Thema im Tagesgespräch des Bayerischen Rundfunks am 19.Sept. 2009:
Amoklauf in Ansbach: Wie können wir die Schüler schützen?
Gast: Adolf Gallwitz, Kriminalpsychologe, Professor an der Polizeihochschule in Villingen-Schwenningen Moderation: Christine Krüger
Am Ende der Sendung fragte Moderatorin Frau Krüger Herrn Gallwitz: „Müssen wir mit Trittbrettfahrern rechnen?
Gallwitz: „Die Gefahr ist nie ganz null und deswegen gibt es auch immer eine erhöhte Sensibilität. Wir haben allein bei unserem baden-würtembergischen Amoklauf 100 Trittbrettfahrer gehabt. Aber wir gehen deshalb mal vom Guten aus und gehen davon aus, dass jeder Elternteil sich seine Gedanken um die eigenen Kinder macht.
Da war sie wieder, die auch im Polizeiwesen so beliebte Floskel „davon ausgehen als semantischer Fehlgriff. Ich sah hier eine Gelegenheit, eine einflussreiche und im Ausbildungswesen tätige Person auf die als „Dummdeutschfloskel bezeichnete Wendung hinzuweisen, mit der die Öffentlichkeit immer wieder falsch informiert wird. Ich schrieb daher Herrn Gallwitz unter Bezug auf seinen Schlusssatz im Gespräch:
Sehr geehrter Herr Gallwitz,
das heutige Thema hat auch meine Frau und mich sehr bewegt. Ihre sachkundigen Ausführungen fanden nicht nur unser großes Interesse, sondern auch unsere Zustimmung. Die Erlebnisse mit unserem inzwischen 50 Jahre alten Sohn waren zwar auch nicht gerade harmlos. Aber mit Gewalttaten hat er uns nicht belastet, worauf wir uns nichts einbilden. Muss man doch auch mit Kindern eine gehörige Portion Glück haben.

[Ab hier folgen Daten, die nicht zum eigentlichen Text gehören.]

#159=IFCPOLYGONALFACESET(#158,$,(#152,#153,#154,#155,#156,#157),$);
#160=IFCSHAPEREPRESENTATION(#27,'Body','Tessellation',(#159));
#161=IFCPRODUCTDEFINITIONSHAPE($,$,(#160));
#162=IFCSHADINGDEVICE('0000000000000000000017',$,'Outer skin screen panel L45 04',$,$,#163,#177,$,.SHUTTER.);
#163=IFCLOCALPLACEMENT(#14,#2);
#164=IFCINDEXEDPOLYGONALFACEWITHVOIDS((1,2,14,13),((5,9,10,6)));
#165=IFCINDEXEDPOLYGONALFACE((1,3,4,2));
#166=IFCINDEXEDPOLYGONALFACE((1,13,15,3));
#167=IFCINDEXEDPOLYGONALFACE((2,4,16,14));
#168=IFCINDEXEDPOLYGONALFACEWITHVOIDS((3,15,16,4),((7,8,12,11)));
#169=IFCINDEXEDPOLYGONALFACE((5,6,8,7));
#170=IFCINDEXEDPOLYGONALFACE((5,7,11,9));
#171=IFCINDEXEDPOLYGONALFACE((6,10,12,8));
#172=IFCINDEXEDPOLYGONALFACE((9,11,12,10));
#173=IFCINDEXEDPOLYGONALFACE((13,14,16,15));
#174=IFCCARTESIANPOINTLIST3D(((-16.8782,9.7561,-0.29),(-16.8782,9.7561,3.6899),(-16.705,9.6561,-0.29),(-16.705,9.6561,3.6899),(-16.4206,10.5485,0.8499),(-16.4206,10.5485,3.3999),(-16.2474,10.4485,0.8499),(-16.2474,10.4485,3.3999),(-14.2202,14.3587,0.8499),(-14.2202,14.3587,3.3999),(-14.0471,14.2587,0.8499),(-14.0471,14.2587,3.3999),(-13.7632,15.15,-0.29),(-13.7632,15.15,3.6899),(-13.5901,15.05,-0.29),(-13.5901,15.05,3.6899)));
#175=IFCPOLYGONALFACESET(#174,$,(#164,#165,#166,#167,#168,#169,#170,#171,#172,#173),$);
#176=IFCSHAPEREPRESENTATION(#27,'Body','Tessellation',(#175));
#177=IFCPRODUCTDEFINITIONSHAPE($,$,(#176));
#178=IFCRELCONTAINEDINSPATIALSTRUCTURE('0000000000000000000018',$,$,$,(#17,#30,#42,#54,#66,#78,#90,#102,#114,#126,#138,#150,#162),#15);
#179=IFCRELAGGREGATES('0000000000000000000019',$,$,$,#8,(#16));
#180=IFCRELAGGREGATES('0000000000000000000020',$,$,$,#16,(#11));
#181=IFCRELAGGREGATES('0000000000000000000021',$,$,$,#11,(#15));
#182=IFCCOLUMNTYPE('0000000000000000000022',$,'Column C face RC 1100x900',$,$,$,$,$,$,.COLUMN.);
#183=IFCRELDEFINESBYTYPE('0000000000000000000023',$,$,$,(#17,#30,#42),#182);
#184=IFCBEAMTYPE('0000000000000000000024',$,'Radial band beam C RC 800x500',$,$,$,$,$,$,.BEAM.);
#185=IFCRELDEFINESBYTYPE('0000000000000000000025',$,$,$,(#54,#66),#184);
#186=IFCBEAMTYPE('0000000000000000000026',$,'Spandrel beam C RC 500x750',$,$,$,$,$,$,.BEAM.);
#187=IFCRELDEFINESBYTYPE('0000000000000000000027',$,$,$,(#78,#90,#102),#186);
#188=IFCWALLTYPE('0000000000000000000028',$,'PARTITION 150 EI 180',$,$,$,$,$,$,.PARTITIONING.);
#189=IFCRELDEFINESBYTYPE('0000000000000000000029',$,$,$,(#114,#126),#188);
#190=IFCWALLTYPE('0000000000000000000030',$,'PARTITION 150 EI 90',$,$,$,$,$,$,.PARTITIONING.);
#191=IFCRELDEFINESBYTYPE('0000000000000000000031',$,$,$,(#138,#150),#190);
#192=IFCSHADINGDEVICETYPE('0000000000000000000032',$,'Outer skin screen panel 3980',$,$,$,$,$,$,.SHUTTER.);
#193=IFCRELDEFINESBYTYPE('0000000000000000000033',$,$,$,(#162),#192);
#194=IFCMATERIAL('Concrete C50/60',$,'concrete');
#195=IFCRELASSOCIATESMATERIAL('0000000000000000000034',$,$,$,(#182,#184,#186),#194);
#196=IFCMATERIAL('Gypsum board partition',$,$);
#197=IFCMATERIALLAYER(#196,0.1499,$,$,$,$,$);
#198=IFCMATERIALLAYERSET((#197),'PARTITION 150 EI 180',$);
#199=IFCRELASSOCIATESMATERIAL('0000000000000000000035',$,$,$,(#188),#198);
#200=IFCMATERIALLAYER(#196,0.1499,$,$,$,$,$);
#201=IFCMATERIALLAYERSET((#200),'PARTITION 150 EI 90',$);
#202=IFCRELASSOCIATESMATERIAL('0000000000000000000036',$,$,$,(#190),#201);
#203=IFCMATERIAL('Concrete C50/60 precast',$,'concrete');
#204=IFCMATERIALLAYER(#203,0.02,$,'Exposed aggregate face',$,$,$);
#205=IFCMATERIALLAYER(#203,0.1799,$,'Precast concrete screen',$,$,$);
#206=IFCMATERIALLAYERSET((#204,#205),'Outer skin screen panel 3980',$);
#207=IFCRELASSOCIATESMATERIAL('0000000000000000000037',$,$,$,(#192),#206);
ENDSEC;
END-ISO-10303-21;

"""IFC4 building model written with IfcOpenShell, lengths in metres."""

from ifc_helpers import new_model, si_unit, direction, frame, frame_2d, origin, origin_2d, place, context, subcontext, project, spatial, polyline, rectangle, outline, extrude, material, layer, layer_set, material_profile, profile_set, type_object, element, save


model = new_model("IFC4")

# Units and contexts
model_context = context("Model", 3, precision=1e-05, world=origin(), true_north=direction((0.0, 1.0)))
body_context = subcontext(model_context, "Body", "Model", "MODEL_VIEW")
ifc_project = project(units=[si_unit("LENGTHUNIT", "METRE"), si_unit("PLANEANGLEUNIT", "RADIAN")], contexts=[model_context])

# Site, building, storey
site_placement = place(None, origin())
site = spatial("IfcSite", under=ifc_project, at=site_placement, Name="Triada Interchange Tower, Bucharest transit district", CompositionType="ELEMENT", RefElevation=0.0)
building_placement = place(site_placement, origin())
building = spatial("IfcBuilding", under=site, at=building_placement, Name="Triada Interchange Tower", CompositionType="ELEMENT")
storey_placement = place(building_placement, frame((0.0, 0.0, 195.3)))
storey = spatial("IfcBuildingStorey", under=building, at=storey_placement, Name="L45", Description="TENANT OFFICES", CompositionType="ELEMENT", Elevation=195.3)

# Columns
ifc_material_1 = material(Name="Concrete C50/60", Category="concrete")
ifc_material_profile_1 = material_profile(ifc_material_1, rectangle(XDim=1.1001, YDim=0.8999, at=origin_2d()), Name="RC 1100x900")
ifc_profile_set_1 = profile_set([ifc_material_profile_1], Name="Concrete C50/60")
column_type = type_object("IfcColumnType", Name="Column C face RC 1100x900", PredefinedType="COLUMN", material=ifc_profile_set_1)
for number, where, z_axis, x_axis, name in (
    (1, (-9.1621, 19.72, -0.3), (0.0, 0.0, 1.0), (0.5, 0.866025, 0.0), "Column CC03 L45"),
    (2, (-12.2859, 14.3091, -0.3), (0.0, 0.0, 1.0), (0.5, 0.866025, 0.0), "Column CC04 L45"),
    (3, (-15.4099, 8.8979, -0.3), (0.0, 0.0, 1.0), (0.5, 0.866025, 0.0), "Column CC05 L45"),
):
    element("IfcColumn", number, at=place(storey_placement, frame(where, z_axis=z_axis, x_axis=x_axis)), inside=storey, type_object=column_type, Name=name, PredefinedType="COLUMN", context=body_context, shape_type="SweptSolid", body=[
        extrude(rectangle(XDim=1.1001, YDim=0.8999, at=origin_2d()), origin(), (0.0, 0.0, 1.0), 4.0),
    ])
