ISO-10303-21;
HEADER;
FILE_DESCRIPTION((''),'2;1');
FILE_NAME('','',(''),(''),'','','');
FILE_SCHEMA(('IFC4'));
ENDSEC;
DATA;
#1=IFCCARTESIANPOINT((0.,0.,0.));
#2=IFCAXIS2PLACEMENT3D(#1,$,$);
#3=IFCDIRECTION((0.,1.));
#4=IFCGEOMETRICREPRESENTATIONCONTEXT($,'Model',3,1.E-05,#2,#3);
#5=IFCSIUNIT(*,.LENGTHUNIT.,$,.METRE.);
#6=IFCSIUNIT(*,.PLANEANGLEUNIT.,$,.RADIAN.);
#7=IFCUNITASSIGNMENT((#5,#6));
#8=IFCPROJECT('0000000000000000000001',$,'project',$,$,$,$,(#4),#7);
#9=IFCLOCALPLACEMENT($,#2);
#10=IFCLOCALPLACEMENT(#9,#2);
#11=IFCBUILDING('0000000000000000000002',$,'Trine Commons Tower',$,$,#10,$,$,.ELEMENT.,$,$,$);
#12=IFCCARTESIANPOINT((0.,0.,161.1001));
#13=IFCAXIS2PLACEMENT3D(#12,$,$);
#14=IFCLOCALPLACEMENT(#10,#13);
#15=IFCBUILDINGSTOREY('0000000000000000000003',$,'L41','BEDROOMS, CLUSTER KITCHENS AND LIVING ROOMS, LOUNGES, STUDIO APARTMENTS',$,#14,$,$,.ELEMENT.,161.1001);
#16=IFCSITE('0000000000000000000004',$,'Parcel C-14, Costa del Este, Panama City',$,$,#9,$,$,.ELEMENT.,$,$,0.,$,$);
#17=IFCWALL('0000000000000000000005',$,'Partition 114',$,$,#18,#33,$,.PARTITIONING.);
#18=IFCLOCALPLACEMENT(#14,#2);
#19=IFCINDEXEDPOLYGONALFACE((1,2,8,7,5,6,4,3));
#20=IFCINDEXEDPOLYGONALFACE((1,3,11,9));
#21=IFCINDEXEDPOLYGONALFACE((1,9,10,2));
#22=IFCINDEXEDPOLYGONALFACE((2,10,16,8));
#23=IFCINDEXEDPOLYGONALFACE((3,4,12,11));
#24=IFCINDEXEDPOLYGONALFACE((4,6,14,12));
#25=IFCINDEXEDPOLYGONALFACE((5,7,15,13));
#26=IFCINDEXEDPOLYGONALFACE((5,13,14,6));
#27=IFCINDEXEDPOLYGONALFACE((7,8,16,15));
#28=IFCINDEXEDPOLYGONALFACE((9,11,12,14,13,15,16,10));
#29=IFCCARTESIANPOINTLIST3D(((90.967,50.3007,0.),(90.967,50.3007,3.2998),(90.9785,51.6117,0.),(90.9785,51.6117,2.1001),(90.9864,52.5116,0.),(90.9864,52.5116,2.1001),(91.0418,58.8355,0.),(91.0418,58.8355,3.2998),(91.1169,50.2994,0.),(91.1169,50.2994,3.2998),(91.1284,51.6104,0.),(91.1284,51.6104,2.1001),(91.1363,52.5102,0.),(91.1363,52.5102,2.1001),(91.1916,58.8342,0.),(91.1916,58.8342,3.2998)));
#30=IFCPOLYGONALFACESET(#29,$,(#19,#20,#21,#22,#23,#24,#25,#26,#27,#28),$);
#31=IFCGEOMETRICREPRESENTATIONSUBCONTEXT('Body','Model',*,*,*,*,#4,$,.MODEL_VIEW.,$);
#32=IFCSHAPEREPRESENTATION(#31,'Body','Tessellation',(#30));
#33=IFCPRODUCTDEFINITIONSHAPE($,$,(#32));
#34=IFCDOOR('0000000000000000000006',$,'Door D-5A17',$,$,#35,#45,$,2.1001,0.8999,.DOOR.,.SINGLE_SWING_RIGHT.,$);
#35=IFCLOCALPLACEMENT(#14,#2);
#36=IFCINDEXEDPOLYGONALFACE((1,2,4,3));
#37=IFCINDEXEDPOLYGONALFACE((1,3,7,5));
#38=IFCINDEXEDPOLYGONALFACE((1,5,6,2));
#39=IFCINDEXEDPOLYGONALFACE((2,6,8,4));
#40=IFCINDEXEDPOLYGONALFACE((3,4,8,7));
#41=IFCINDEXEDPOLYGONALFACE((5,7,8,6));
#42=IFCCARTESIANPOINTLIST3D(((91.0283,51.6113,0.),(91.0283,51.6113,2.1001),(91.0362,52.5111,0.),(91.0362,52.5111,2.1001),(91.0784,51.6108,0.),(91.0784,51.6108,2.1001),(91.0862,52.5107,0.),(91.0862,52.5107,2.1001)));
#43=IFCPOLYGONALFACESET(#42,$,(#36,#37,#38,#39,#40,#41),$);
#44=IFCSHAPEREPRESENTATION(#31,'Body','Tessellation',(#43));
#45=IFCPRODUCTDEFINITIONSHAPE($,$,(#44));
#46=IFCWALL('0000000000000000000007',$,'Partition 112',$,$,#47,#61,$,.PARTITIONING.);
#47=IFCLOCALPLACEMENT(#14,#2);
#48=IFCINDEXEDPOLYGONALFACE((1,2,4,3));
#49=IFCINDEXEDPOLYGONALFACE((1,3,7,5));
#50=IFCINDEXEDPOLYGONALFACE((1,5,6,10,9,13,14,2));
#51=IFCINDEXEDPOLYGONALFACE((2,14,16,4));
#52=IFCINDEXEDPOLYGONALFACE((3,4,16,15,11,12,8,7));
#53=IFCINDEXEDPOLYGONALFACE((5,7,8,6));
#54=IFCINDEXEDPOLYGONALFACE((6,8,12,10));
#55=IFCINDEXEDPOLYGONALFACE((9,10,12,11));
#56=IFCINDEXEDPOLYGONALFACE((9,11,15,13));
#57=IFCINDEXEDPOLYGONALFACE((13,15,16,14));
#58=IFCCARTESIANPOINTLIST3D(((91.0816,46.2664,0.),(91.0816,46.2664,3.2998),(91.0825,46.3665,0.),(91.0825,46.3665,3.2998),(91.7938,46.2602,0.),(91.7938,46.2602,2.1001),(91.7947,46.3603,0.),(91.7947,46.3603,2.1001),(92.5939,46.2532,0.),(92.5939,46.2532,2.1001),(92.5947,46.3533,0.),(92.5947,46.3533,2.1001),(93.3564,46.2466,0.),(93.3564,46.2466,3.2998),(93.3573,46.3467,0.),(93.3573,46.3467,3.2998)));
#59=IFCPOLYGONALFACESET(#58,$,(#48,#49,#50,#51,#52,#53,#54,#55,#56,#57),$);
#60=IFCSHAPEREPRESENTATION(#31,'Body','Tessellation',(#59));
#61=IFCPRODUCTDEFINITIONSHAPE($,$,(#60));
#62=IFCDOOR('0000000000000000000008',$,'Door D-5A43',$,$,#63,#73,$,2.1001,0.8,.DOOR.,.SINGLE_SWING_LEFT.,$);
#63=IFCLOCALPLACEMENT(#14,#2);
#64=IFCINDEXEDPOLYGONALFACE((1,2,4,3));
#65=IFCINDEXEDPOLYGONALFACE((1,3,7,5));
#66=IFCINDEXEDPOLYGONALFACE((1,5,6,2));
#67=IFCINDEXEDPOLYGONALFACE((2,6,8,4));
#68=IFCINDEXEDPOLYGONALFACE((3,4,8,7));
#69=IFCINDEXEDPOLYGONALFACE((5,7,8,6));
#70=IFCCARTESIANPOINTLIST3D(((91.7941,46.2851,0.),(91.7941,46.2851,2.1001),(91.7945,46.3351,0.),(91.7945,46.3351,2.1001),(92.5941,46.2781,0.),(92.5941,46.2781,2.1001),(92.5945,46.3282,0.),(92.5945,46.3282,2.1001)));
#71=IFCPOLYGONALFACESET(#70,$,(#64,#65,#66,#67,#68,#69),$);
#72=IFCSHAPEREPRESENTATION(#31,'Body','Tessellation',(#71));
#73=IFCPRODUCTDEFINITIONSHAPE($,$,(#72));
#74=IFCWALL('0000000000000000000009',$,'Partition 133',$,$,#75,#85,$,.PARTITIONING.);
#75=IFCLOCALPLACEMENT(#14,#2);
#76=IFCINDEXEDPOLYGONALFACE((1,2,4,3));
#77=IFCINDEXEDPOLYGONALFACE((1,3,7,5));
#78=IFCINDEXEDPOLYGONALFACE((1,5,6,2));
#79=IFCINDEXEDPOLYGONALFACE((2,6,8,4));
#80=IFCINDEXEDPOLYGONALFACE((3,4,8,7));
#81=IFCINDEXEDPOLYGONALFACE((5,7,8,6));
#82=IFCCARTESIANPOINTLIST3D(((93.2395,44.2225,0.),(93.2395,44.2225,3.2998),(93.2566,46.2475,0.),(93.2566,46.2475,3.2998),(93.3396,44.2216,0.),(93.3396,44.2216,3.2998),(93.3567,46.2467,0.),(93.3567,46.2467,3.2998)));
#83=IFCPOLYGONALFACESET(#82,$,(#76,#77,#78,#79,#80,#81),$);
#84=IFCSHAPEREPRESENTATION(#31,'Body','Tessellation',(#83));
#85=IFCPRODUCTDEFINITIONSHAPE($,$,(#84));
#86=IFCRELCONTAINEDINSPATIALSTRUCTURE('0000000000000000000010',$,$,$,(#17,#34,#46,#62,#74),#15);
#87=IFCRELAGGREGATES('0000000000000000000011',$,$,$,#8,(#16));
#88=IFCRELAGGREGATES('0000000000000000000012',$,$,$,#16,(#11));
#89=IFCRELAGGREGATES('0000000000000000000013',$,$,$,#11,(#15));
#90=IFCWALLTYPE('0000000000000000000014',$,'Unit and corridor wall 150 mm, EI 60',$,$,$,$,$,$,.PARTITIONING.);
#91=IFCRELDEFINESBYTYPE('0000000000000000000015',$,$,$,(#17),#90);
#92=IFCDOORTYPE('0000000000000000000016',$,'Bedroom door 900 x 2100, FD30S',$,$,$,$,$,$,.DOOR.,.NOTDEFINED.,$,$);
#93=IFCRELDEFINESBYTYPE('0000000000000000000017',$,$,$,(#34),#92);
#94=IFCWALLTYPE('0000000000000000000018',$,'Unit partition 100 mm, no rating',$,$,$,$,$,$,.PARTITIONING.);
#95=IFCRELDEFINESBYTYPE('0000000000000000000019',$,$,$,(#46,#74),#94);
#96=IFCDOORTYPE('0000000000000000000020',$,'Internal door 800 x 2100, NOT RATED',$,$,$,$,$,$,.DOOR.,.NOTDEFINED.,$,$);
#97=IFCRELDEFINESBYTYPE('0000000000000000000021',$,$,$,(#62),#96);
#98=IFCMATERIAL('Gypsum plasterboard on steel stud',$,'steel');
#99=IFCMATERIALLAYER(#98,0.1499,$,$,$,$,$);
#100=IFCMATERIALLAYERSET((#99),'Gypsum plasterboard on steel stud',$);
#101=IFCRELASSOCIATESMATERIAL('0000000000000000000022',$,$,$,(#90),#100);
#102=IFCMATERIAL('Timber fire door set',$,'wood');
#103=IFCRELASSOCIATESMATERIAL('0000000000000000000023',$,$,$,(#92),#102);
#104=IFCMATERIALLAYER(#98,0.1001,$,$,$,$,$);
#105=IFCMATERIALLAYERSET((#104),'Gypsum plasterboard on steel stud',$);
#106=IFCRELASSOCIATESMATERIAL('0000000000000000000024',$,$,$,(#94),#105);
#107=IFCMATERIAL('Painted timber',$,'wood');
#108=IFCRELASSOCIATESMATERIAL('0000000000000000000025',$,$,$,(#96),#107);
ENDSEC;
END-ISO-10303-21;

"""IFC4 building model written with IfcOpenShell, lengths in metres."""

from ifc_helpers import new_model, si_unit, direction, frame, frame_2d, origin, place, context, subcontext, project, spatial, rectangle, extrude, material, layer, layer_set, type_object, element, fill, save


model = new_model("IFC4")

# Units and contexts
model_context = context("Model", 3, precision=1e-05, world=origin(), true_north=direction((0.0, 1.0)))
body_context = subcontext(model_context, "Body", "Model", "MODEL_VIEW")
ifc_project = project(units=[si_unit("LENGTHUNIT", "METRE"), si_unit("PLANEANGLEUNIT", "RADIAN")], contexts=[model_context])

# Site, building, storey
site_placement = place(None, origin())
site = spatial("IfcSite", under=ifc_project, at=site_placement, Name="Parcel C-14, Costa del Este, Panama City", CompositionType="ELEMENT", RefElevation=0.0)
building_placement = place(site_placement, origin())
building = spatial("IfcBuilding", under=site, at=building_placement, Name="Trine Commons Tower", CompositionType="ELEMENT")
storey_placement = place(building_placement, frame((0.0, 0.0, 161.1001)))
storey = spatial("IfcBuildingStorey", under=building, at=storey_placement, Name="L41", Description="BEDROOMS, CLUSTER KITCHENS AND LIVING ROOMS, LOUNGES, STUDIO APARTMENTS", CompositionType="ELEMENT", Elevation=161.1001)

# Shared definitions
ifc_material_1 = material(Name="Gypsum plasterboard on steel stud", Category="steel")
ifc_layer_1 = layer(ifc_material_1, 0.1499)
ifc_layer_set_1 = layer_set([ifc_layer_1], Name="Gypsum plasterboard on steel stud")
wall_type_1 = type_object("IfcWallType", Name="Unit and corridor wall 150 mm, EI 60", PredefinedType="PARTITIONING", material=ifc_layer_set_1)

# Shared definitions
ifc_material_2 = material(Name="Timber fire door set", Category="wood")
door_type_1 = type_object("IfcDoorType", Name="Bedroom door 900 x 2100, FD30S", OperationType="NOTDEFINED", PredefinedType="DOOR", material=ifc_material_2)

# Walls, openings, doors
wall_1_placement = place(storey_placement, frame((91.042, 50.3, 0.0), z_axis=(0.0, 0.0, 1.0), x_axis=(0.008753, 0.999962, 0.0)))
wall_1 = element("IfcWall", 1, at=wall_1_placement, inside=storey, type_object=wall_type_1, Name="Partition 114", PredefinedType="PARTITIONING", context=body_context, shape_type="SweptSolid", body=[
    extrude(rectangle(XDim=8.5352, YDim=0.1499, at=frame_2d((4.2676, 0.0))), origin(), (0.0, 0.0, 1.0), 3.2998),
])
opening_1_placement = place(wall_1_placement, frame((1.311, 0.0, 0.0)))
opening_1 = element("IfcOpeningElement", 2, at=opening_1_placement, cuts=wall_1, PredefinedType="OPENING", context=body_context, shape_type="SweptSolid", body=[
    extrude(rectangle(XDim=0.8999, YDim=2.1001, at=frame_2d((0.45, 1.05))), frame((0.0, 0.085, 0.0), z_axis=(0.0, -1.0, 0.0), x_axis=(1.0, 0.0, 0.0)), (0.0, 0.0, 1.0), 0.1699),
])
door_1_placement = place(opening_1_placement, frame((0.8999, 0.0, 0.0), z_axis=(0.0, 0.0, 1.0), x_axis=(-1.0, 0.0, 0.0)))
door_1 = element("IfcDoor", 3, at=door_1_placement, inside=storey, type_object=door_type_1, Name="Door D-5A17", OperationType="SINGLE_SWING_RIGHT", OverallHeight=2.1001, OverallWidth=0.8999, PredefinedType="DOOR", context=body_context, shape_type="SweptSolid", body=[
    extrude(rectangle(XDim=0.8999, YDim=2.1001, at=frame_2d((0.45, 1.05))), frame((0.0, 0.0249, 0.0), z_axis=(0.0, -1.0, 0.0), x_axis=(1.0, 0.0, 0.0)), (0.0, 0.0, 1.0), 0.05),
])
fill(opening_1, door_1)
ifc_layer_2 = layer(ifc_material_1, 0.1001)
ifc_layer_set_2 = layer_set([ifc_layer_2], Name="Gypsum plasterboard on steel stud")
wall_type_2 = type_object("IfcWallType", Name="Unit partition 100 mm, no rating", PredefinedType="PARTITIONING", material=ifc_layer_set_2)
wall_2_placement = place(storey_placement, frame((91.082, 46.3164, 0.0), z_axis=(0.0, 0.0, 1.0), x_axis=(0.999962, -0.008693, 0.0)))
wall_2 = element("IfcWall", 4, at=wall_2_placement, inside=storey, type_object=wall_type_2, Name="Partition 112", PredefinedType="PARTITIONING", context=body_context, shape_type="SweptSolid", body=[
    extrude(rectangle(XDim=2.2749, YDim=0.1001, at=frame_2d((1.1375, 0.0))), origin(), (0.0, 0.0, 1.0), 3.2998),
])
opening_2_placement = place(wall_2_placement, frame((0.7124, 0.0, 0.0)))
opening_2 = element("IfcOpeningElement", 5, at=opening_2_placement, cuts=wall_2, PredefinedType="OPENING", context=body_context, shape_type="SweptSolid", body=[
    extrude(rectangle(XDim=0.8, YDim=2.1001, at=frame_2d((0.3999, 1.05))), frame((0.0, 0.0601, 0.0), z_axis=(0.0, -1.0, 0.0), x_axis=(1.0, 0.0, 0.0)), (0.0, 0.0, 1.0), 0.1201),
])
ifc_material_3 = material(Name="Painted timber", Category="wood")
door_type_2 = type_object("IfcDoorType", Name="Internal door 800 x 2100, NOT RATED", OperationType="NOTDEFINED", PredefinedType="DOOR", material=ifc_material_3)
door_2_placement = place(opening_2_placement, origin())
door_2 = element("IfcDoor", 6, at=door_2_placement, inside=storey, type_object=door_type_2, Name="Door D-5A43", OperationType="SINGLE_SWING_LEFT", OverallHeight=2.1001, OverallWidth=0.8, PredefinedType="DOOR", context=body_context, shape_type="SweptSolid", body=[
    extrude(rectangle(XDim=0.8, YDim=2.1001, at=frame_2d((0.3999, 1.05))), frame((0.0, 0.0249, 0.0), z_axis=(0.0, -1.0, 0.0), x_axis=(1.0, 0.0, 0.0)), (0.0, 0.0, 1.0), 0.05),
])
fill(opening_2, door_2)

Ich schreibe Ihnen abseits vom Thema des Tages - als Werber für gutes und richtiges Deutsch. Hier geht es mir nur um eine einzige Formulierung, die sich in den vergangenen Jahren epidemieartig ausgebreitet hat. Besonders im Polizei- und Justizwesen ist sie sehr beliebt. Dementsprechend wird sie (zu) häufig angewendet. Ich meine die Wendung „davon ausgehen. Sie haben sie am Ende der Sendung auch benutzt.
So wird fast regelmäßig in polizeilichen Berichten von etwas „ausgegangen, obwohl der Sachverhalt völlig ungeklärt und unbekannt ist. Beispiel: „Die Polizei geht von Brandstiftung aus., ohne dass eindeutige Erkenntnisse über die Ursache des Brandes vorliegen. Die deutsche Sprache bietet eine Reihe von Verben an, die die Situation klar kennzeichnen. So auch im vorliegenden Fall, wenn also die Brandstiftung nur vermutet oder angenommen wird oder der Verdacht auf Brandstiftung besteht. Mit der Ausgehfloskel wird Wissen vorgetäuscht, wo Unwissen vorliegt, und somit der Sachverhalt verschleiert.
„Davon ausgehen richtig angewendet, wenn also aufgrund der Ermittlungsergebnisse feststeht, dass Brandstiftung vorliegt, müsste auf die Angabe „Die Polizei geht von Brandstiftung aus angegeben werden, welche Folgerung sich aus dieser Erkenntnis ergibt, bspw. „dass nur der Nachbar als Täter in Frage kommt.
Ich möchte Sie bitten, sehr geehrter Herr Gallwitz, falls ich Sie von der Fehlinformation durch die Ausgehwendung überzeugen kann, Ihren sicher großen Einfluss geltend zu machen, um die weitere Verbreitung und Festigung dieser Floskel im Sprachgebrauch zu bremsen. Auf meiner Website zur deutschen Sprache biete ich ausführliche Informationen zum Thema an.